Had he stayed longer, he definitely would have had problems, because the [Jewish] family he stayed with had problems. Salinger had flunked out of different schools, and his father did not want to finance another attempt at education before he got practical job experience. So he worked in a slaughterhouse where pigs were killed, but he had no choice.In “A Perfect Day for Bananafish” (1948) Seymour Glass, son of an Australian Jewish vaudevillian, refers to a little girl with a Jewish-sounding name: “Ah, Sharon Lipschutz… How that name comes up. Mixing memory and desire.” Was Salinger alluding ironically to the reputation of T. S. Eliot, who wrote this quotation from “The Waste Land,” for being anti-Semitic?

I can’t say whether or not [Salinger] was even aware of that. There are references to Eliot in several of his works. [Salinger] was not a fan of Eliot, and yet he seemed to be obsessed with him. I think it was the message of Eliot’s poetry, the philosophy of “The Waste Land.” Eliot’s outlook was far more dismal than Salinger’s at the time. In the novella “The Inverted Forest” (1947), Salinger imagined a poet who conceived of “not a wasteland, but a great inverted forest/with all the foliage underground.”

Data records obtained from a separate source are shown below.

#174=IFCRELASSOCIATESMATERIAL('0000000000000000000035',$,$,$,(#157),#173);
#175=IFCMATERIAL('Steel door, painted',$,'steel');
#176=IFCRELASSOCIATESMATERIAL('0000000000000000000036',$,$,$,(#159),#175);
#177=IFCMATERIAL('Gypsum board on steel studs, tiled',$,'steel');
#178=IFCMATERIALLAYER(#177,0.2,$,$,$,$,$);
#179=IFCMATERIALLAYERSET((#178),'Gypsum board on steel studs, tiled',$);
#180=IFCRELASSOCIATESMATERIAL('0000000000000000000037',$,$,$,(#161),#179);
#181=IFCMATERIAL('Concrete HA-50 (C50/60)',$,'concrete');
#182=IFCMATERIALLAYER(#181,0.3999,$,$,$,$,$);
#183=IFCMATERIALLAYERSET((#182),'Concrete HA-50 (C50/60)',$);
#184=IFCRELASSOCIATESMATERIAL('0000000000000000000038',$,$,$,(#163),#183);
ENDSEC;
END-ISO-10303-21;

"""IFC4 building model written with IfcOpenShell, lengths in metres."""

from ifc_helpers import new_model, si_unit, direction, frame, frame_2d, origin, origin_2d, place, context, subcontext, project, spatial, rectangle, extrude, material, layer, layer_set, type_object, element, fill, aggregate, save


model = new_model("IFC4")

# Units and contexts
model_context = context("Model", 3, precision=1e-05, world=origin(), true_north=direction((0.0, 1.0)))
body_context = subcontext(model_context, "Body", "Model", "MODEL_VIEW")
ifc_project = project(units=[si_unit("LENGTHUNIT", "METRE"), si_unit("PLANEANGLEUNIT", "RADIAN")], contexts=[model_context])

In Salinger’s Hemingwayesque tale “A Girl I Knew” (1948), Leah, an Austrian Jewish woman is killed in the Holocaust. Although appreciated by some, the story seems earthbound. Might he have realized that factually recounting his wartime experiences would result in literal-minded works, unlike the idiosyncratic, offbeat Salinger style admired by readers?

That story in particular comes very close to his own experience. It is territory where he is not exactly comfortable because it is too close to his own reality. I like the story a lot, frankly. It is the only story where he does directly address the Holocaust. He condemns murder by acquiescence, by those who turn away from the deed, as much as those who do the deed.

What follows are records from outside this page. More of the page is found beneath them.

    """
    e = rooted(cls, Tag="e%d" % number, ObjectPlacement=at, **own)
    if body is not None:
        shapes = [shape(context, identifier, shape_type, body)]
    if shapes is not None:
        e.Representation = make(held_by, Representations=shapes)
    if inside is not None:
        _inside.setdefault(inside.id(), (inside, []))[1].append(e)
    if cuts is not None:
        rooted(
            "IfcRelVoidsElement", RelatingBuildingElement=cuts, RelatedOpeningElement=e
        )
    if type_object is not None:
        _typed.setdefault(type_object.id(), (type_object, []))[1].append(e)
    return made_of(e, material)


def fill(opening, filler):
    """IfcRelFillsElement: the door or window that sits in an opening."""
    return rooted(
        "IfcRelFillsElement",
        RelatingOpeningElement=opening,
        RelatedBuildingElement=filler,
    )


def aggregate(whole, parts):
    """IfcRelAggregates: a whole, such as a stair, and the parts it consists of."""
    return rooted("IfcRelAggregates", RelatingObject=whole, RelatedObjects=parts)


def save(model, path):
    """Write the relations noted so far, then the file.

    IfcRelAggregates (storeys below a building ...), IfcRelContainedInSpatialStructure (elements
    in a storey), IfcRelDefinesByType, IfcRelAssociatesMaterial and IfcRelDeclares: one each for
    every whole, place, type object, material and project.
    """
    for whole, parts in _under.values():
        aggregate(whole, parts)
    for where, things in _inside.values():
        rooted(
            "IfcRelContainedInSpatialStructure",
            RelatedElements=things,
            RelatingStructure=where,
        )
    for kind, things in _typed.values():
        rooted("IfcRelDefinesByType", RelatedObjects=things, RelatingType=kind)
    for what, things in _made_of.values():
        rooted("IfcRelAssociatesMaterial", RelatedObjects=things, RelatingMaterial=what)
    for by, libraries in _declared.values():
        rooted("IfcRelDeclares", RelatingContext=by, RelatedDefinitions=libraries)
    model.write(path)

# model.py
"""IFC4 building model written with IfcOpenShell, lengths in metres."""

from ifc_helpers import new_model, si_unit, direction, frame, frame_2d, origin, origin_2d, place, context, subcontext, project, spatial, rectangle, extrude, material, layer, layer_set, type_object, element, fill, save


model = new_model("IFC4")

In 2013, the Associated Press claimed that unpublished books left behind by Salinger would appear, dealing with, among other subjects, the author’s World War II service. Where are they? If they are lesser achievements, like the much-hyped posthumously published novels by Harper Lee and Vladimir Nabokov, might Salinger fans be disappointed?

The short answer is yes. I think we will never see them, because his son [Matthew,] who controls the estate, is more interested in his father’s legacy than in publishing new books. You would think the centennial would be the perfect time to do that, but the answer is no.[…] Salinger’s fans are his worst enemies. Salinger was aware towards the end of his life that his own fans were waiting for him to die so that they could read his unpublished manuscripts. That’s a terrible statement. The man’s been dead now for almost ten years and some fans are still frustrated about where those works are.

 One critical study harges that although he visited a recently liberated satellite of Dachau concentration camp during World War II military service, Salinger “did not identify with the six million Jews the Nazis murdered. Although Salinger did not deny the Holocaust, he definitely tried to ignore it.”

I don’t put a lot of stock in that point of view. The trauma of visiting a [concentration] camp is the same as being in battle. It is not an experience you want to relive. It does not mean that you are questioning the reality of it. Later in life, Salinger wrote a letter explaining that he refuses to go back to Vienna because of “what the bastards did to the Jews.”

Salinger investigated Dianetics (a forerunner of Scientology), yoga, Sufism, Taoism, Christian Science, et al. Was there any sign that Kabbalah influenced his work, as one writer alleged  after claiming to find numerological references in “Raise High the Roof Beam, Carpenters”?

Not that I know of, no. He had a spiritual curiosity that was phenomenal after the war, and investigated any number of beliefs. But he landed pretty much on Vedanta, and that embraces all beliefs. You can be Jewish and still adhere to Vedanta.

In 1971, Jerry Lewis, who was 45 at the time,  claimed that he was the “Jewish Holden Caulfield” and for years had wanted to play the role onscreen, but Salinger refused to sell him the rights. Could there have been a worse fate for “Catcher”?

(laughs) Now, that’s about the worst they could do. I guess in France they would have loved it, but outside of France, I doubt it.